= 1918 Edmonton municipal election =

Municipal election in Alberta, Canada

The 1918 municipal election was held December 9, 1918 to elect a mayor and six aldermen to sit on Edmonton City Council, three trustees to sit on the public school board, and four trustees to sit on the separate school board.

City council held ten aldermen, but four of the positions were already filled: Matthew Esdale, James Kinney, Warren Prevey, and Orlando Bush had been elected to two-year terms in 1917 and were still in office for another year. Charles Wilson also had been elected to a two-year term in 1917, but had resigned to run for mayor. Accordingly, Charles Grant, the sixth most polar candidate in this election, was elected to finish the last year of Wilson's term.

In this election, the candidates on the labour ticket were Farmilo, Fielde, Findlay and White, with Scott running as a labour candidate for school board. Other candidates also appealed for the labour vote in 1918 included Wilson (running for mayor), Clarke, Martin, Joseph Duggan, Scott, and Mackenzie. Many labour voters supported alderman McCoppen, who in 1917 had been elected for one year with endorsement of the Labour Representation League and now was running for re-election.

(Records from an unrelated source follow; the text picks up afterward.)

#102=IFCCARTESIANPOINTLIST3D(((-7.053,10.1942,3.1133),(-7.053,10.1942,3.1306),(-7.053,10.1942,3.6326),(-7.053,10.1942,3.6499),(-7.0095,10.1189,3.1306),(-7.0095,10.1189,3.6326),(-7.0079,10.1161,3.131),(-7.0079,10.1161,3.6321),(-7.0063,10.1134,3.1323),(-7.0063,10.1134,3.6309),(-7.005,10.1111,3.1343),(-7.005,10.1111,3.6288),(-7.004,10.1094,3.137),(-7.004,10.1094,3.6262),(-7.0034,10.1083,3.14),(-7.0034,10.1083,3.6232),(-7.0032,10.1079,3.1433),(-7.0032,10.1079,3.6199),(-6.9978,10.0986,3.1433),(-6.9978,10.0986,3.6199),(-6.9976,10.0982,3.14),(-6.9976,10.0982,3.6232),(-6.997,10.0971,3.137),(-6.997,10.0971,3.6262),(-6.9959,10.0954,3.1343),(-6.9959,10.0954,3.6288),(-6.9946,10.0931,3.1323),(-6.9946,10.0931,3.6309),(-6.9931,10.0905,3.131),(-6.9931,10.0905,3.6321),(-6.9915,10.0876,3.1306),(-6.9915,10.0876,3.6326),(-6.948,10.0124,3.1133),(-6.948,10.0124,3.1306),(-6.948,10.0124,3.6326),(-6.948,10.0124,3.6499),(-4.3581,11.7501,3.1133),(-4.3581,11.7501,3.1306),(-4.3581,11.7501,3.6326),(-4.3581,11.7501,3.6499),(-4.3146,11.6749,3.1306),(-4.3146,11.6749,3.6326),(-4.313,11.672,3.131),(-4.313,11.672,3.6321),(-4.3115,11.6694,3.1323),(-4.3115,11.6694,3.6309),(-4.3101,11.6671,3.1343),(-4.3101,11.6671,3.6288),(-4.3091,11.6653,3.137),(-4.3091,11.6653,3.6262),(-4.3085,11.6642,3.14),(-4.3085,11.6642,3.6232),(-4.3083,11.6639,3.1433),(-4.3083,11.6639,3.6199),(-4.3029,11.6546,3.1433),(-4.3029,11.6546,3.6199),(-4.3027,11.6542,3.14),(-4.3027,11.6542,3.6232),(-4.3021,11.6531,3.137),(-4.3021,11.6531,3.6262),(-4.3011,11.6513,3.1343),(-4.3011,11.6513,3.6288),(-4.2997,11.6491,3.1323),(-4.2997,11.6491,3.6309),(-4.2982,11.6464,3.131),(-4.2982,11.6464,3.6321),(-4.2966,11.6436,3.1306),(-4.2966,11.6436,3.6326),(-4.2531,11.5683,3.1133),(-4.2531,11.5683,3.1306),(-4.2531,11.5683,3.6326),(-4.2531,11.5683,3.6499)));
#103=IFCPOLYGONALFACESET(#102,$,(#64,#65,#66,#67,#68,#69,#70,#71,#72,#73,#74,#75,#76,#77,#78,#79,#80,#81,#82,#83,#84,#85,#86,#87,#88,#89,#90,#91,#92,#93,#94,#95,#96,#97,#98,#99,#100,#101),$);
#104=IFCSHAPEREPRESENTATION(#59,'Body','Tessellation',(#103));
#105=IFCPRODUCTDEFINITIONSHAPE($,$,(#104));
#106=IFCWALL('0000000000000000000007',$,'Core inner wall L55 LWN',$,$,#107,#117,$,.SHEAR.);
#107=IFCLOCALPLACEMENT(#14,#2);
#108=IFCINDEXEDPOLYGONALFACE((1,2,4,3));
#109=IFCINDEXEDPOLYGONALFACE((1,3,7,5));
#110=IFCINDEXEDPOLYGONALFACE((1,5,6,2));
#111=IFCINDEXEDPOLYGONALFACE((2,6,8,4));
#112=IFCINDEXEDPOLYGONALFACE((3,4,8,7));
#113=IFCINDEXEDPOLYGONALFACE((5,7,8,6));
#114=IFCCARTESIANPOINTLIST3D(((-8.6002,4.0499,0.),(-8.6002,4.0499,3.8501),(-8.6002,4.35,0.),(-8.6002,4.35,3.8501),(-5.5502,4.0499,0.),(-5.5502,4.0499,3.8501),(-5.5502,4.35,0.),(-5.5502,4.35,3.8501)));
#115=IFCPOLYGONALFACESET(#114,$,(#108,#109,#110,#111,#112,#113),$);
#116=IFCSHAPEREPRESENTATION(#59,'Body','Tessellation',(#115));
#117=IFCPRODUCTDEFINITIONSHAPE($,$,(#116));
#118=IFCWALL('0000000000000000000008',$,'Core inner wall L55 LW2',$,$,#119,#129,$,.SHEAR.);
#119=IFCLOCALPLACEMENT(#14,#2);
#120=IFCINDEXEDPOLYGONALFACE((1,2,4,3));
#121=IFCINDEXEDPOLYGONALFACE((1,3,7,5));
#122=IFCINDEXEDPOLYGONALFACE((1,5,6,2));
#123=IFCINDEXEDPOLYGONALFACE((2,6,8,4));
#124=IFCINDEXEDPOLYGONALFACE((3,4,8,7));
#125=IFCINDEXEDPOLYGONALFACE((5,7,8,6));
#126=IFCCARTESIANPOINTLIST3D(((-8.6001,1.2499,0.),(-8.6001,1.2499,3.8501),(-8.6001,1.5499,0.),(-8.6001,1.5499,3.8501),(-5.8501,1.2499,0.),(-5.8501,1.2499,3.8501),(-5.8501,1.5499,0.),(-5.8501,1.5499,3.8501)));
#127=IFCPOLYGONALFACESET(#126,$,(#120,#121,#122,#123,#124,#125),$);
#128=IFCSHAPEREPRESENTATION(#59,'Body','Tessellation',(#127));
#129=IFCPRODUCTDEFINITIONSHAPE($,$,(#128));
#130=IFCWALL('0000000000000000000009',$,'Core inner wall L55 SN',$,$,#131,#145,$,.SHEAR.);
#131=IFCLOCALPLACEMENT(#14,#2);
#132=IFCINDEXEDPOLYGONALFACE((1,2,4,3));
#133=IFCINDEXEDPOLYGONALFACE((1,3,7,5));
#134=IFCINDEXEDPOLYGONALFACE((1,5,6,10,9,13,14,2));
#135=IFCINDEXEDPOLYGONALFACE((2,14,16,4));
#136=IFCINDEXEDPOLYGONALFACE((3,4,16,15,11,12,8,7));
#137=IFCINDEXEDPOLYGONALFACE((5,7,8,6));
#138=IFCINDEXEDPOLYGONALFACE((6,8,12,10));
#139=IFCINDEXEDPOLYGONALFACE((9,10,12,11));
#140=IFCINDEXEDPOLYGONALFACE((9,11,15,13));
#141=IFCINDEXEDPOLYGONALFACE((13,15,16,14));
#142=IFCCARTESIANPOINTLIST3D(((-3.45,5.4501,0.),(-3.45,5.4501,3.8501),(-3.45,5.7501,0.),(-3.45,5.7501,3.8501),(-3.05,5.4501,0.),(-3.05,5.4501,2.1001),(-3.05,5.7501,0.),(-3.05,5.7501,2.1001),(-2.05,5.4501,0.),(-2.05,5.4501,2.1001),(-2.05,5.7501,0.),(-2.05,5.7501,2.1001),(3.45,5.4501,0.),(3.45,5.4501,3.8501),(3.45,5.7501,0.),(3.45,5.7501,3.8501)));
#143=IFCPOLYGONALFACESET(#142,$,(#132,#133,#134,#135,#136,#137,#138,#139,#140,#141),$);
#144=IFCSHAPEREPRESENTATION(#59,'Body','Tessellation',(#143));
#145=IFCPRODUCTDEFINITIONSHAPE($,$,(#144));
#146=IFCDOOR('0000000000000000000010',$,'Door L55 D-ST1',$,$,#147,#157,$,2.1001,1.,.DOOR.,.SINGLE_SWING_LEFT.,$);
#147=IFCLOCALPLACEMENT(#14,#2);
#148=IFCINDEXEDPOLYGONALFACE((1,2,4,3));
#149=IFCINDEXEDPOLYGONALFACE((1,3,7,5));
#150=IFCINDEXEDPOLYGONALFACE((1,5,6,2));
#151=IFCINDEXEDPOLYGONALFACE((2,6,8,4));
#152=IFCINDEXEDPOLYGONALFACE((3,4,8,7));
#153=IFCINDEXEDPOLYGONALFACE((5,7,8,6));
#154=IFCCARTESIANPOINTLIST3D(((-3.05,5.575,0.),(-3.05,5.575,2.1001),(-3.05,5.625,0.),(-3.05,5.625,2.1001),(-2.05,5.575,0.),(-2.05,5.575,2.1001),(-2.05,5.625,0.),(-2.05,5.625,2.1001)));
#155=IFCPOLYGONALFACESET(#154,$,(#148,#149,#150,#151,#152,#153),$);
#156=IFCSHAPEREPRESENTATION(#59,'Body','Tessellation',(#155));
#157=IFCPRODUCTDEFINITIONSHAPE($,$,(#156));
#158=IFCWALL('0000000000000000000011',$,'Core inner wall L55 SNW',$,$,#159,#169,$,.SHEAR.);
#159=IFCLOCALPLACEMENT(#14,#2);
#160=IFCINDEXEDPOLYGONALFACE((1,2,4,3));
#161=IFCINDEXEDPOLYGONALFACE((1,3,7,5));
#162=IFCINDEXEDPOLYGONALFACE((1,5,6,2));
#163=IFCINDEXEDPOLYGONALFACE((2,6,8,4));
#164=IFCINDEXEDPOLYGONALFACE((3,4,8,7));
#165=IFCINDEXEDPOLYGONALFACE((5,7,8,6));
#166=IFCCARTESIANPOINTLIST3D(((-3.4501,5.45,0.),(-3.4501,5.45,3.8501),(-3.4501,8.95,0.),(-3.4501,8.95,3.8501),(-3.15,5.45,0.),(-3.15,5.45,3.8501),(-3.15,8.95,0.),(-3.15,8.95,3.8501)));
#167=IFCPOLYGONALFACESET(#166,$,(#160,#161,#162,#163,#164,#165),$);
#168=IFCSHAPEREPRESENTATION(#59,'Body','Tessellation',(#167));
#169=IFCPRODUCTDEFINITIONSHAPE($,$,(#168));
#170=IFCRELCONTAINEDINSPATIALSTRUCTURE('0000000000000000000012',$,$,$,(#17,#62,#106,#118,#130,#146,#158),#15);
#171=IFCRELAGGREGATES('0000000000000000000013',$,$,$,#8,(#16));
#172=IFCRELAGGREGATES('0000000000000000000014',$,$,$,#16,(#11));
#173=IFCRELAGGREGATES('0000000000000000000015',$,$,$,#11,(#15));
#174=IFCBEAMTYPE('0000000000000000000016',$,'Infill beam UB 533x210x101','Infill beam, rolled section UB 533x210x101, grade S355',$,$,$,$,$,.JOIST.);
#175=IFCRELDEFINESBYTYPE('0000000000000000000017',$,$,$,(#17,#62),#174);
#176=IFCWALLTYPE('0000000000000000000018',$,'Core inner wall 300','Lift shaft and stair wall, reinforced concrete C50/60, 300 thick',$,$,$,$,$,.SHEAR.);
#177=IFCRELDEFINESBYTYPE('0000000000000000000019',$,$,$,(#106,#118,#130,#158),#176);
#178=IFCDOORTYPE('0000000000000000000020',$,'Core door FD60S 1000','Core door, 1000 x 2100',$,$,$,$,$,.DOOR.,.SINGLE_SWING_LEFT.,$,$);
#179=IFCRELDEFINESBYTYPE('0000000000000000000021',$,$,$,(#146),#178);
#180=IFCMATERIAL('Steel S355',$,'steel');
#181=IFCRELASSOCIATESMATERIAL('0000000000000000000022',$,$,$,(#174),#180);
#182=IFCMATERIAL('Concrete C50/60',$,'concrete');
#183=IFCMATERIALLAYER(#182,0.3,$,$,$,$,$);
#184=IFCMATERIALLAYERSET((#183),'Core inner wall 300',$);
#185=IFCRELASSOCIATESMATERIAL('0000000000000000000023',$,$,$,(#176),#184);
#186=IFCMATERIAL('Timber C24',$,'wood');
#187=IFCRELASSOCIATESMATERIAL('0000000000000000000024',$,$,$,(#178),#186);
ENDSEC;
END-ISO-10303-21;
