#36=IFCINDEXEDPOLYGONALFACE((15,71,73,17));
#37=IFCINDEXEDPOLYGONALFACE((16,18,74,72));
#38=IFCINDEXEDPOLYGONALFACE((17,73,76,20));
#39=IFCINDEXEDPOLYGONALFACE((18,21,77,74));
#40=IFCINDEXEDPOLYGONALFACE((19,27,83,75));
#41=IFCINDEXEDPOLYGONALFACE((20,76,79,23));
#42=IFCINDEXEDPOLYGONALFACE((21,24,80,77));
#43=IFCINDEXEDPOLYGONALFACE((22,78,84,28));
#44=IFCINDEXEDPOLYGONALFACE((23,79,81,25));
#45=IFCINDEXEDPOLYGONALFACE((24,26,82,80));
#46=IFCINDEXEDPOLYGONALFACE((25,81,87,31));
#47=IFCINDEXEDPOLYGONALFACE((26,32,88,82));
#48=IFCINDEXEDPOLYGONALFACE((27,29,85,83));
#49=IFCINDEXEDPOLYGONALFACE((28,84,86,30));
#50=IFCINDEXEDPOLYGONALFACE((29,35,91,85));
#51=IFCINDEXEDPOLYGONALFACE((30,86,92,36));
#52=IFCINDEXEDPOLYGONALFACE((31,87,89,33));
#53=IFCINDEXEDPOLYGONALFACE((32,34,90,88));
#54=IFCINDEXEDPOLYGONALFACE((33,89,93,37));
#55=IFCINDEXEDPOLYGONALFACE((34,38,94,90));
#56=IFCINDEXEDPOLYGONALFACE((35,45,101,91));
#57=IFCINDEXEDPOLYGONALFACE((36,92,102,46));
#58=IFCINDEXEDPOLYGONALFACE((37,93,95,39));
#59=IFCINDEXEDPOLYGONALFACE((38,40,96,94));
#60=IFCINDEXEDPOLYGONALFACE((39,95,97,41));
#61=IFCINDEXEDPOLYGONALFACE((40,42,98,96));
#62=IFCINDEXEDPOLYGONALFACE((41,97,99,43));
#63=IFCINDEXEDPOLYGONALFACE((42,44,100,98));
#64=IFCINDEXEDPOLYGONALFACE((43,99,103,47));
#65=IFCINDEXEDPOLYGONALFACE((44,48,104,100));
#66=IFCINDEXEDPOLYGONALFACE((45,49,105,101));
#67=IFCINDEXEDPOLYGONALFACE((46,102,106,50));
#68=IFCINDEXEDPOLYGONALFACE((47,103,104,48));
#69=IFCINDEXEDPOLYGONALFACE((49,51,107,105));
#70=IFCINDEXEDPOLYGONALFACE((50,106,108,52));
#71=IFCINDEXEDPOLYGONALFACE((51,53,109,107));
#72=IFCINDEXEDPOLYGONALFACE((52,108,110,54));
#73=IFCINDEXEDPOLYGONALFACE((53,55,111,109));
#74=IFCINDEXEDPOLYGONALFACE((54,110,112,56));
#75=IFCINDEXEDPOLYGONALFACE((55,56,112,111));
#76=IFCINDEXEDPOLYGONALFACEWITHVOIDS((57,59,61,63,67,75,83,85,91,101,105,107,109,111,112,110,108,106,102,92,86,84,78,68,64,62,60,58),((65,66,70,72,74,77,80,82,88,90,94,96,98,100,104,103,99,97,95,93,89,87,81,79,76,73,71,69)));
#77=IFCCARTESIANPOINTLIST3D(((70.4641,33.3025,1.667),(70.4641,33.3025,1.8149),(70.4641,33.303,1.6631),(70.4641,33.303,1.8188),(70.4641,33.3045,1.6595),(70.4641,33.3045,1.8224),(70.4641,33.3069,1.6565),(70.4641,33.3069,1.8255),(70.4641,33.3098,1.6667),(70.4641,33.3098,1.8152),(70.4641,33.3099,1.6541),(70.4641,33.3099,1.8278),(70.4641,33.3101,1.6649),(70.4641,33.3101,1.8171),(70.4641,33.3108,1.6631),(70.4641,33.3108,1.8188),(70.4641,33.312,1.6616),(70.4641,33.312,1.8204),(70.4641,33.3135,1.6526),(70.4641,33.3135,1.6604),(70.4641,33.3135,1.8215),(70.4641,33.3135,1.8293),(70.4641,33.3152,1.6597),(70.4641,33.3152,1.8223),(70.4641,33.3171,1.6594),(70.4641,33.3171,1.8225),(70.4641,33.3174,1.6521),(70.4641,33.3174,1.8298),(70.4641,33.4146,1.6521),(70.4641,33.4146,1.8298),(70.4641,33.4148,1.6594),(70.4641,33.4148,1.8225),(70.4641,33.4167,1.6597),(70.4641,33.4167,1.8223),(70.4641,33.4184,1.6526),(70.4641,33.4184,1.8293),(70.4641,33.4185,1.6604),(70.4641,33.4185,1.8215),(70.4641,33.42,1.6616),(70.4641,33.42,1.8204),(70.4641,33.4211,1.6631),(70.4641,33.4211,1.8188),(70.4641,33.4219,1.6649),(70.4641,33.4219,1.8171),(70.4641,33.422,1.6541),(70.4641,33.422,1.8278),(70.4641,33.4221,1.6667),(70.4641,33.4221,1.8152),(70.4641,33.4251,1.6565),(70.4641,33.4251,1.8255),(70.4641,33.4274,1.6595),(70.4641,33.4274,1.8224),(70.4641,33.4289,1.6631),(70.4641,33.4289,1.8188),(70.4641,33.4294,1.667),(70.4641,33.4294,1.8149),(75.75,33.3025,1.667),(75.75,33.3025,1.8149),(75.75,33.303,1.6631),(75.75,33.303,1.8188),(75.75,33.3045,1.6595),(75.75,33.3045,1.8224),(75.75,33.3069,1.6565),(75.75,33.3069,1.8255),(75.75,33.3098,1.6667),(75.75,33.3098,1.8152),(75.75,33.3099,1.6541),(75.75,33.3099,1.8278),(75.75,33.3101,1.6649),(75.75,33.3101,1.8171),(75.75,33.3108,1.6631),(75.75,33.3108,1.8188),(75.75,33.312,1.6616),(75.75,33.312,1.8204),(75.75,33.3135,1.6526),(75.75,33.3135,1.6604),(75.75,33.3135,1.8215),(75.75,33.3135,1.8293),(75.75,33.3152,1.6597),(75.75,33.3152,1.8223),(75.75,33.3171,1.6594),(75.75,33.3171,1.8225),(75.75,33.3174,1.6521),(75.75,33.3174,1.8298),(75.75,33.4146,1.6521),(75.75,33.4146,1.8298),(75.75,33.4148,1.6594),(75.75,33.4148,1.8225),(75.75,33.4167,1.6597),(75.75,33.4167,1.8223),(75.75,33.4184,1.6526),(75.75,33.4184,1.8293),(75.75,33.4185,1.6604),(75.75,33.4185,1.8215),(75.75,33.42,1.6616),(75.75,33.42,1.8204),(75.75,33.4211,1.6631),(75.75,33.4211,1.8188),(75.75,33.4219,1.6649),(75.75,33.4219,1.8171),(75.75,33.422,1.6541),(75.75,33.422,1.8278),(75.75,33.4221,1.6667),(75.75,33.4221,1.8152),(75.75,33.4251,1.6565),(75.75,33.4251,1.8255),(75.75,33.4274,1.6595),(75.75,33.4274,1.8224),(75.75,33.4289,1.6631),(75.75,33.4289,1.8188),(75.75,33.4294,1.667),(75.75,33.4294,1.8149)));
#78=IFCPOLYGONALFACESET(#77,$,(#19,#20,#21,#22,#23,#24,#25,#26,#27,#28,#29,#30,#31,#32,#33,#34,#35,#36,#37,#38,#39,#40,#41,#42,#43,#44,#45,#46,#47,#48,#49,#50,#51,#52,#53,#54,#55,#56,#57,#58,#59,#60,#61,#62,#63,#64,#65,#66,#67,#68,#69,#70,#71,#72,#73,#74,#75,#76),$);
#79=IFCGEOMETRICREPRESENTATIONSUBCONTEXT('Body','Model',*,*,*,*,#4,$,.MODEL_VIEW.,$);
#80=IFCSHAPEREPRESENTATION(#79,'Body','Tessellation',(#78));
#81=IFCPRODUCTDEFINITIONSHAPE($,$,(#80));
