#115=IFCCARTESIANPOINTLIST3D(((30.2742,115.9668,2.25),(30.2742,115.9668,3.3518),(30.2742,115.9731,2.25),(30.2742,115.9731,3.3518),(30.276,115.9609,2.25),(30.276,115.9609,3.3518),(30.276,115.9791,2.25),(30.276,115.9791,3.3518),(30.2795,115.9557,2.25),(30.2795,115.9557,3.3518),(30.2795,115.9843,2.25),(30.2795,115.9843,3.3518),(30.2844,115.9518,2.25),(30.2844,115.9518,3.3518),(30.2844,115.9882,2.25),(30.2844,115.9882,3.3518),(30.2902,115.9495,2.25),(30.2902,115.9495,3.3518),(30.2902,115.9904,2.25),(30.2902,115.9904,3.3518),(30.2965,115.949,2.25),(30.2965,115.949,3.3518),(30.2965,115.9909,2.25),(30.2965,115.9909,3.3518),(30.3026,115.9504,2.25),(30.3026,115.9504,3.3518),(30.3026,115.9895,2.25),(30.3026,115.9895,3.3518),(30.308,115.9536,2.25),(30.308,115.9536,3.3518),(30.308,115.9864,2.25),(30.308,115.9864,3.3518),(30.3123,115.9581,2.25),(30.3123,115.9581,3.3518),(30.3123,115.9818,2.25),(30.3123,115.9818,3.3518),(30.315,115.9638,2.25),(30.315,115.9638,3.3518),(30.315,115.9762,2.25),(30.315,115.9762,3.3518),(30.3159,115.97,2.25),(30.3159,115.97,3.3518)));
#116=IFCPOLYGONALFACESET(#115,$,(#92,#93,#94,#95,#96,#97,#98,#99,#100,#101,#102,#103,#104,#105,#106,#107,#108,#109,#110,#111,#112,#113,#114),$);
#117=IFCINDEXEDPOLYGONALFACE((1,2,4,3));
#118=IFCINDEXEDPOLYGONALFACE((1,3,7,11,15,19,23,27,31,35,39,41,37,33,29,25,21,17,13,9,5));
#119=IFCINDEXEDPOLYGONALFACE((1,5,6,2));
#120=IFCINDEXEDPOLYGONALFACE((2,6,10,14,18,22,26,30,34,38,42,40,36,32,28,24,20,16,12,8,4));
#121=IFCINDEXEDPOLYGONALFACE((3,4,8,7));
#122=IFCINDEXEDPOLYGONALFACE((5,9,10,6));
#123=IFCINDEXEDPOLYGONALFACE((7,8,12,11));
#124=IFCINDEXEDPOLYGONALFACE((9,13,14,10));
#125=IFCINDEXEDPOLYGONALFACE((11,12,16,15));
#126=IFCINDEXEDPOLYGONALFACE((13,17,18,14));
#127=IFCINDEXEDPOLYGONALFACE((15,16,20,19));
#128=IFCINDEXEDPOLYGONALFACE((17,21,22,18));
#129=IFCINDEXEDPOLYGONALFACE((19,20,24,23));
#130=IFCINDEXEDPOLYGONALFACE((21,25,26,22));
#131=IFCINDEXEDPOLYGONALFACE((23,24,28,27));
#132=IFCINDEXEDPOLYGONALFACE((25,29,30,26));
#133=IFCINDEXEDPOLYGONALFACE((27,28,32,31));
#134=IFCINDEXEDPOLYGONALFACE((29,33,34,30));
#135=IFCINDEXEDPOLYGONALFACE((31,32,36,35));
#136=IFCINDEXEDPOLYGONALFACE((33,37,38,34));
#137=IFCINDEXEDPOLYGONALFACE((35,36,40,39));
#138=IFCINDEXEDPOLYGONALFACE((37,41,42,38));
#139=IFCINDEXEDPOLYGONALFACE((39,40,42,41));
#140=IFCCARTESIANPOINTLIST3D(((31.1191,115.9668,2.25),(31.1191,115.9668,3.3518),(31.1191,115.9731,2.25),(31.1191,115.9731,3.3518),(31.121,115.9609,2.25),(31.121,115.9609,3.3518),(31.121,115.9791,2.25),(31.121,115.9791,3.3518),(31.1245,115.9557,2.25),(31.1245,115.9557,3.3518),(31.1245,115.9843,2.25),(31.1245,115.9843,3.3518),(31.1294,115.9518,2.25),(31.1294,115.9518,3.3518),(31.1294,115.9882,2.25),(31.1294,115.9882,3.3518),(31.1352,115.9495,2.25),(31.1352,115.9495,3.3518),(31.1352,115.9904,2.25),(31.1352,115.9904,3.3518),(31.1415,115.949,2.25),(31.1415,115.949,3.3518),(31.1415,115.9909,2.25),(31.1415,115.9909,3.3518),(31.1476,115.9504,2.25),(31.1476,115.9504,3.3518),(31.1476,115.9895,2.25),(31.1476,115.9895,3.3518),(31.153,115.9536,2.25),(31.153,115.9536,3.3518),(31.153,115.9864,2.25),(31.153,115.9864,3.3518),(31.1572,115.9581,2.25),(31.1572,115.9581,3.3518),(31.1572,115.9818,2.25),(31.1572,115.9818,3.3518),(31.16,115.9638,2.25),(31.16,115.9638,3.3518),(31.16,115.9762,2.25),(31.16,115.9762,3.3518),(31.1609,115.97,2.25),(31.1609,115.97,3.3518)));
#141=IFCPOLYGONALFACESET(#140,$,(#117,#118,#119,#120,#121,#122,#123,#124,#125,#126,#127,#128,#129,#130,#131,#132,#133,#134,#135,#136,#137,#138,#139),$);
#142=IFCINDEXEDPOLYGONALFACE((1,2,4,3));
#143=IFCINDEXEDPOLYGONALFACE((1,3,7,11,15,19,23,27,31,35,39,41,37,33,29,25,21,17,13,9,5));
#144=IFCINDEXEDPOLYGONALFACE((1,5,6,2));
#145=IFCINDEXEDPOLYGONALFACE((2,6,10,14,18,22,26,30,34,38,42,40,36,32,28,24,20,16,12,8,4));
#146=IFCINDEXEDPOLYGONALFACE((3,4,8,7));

The public school board held seven trustees, but four of the positions were already filled: Henry Douglas, J A McPherson, Arthur Cushing, and E T Bishop had been elected to two-year terms in 1917.

On the eight member separate board, four of the positions were filled: M Kelly, F A French, Joseph Henri Picard, and H J Roche had been elected to two-year terms in 1917. To keep the terms properly staggered with half (four) elected each year, Paul Jenvrin was elected to a one-year term.

==Voter turnout==

There were 9046 ballots cast out of 10825 eligible voters, for a voter turnout of 83.5%.

==Results==

- bold or indicates elected
- italics indicate incumbent
- "SS", where data is available, indicates representative for Edmonton's South Side, with a minimum South Side representation instituted after the city of Strathcona, south of the North Saskatchewan River, amalgamated into Edmonton on February 1, 1912.

===Mayor===

| Party |  | Candidate | Votes | % |
|---|---|---|---|---|
|  | Labour | Joseph Clarke | 4,762 | 52.71% |
|  | Independent | Charles Wilson | 4,273 | 47.29% |

===Aldermen===

| Party |  | Candidate | Votes |
|---|---|---|---|
|  | Independent | Charles Hepburn | 4,861 |
|  | Independent | Samuel McCoppen | 4,090 |
|  | Independent | Henri Martin | 4,029 |
|  | Independent | John McKenzie | 3,825 |
|  | Independent | Andrew McLennan | 3,599 |
|  | Independent | Charles Grant | 3,530 |
|  | Independent | Abraham Cristall | 3,324 |
|  | Independent | William Martin | 3,277 |
|  | Labour | Alfred Farmilo | 3,119 |
|  | Labour | William Spencer Fielde | 2,615 |
|  | Labour | James Findlay | 2,591 |
|  | Labour | J. E. White | 2,466 |

===Public school trustees===

| Party |  | Candidate | Votes |
|---|---|---|---|
|  | Labour | Joseph Duggan | 5,153 |
|  | Independent | William Rea | 4,588 |
|  | Independent | Frank Crang | 3,286 |
|  | Labour | Frank Scott | 2,217 |
|  | Independent | C. Frost | 2,029 |

===Separate (Catholic) school trustees===

| Party |  | Candidate | Votes |  | Elected |
|  | Independent | Joseph Driscoll | 563 |  | Green tick |
|  | Independent | Joseph Gariépy | 464 |  | Green tick |
|  | Independent | Paul Jenvrin | 423 |  | Green tick |
|  | Independent | G. W. Curtis | 302 |
|  | Independent | J. J. Murray | 203 | SS | Green tick |

Under the minimum South Side representation rule, Murray was elected over Curtis.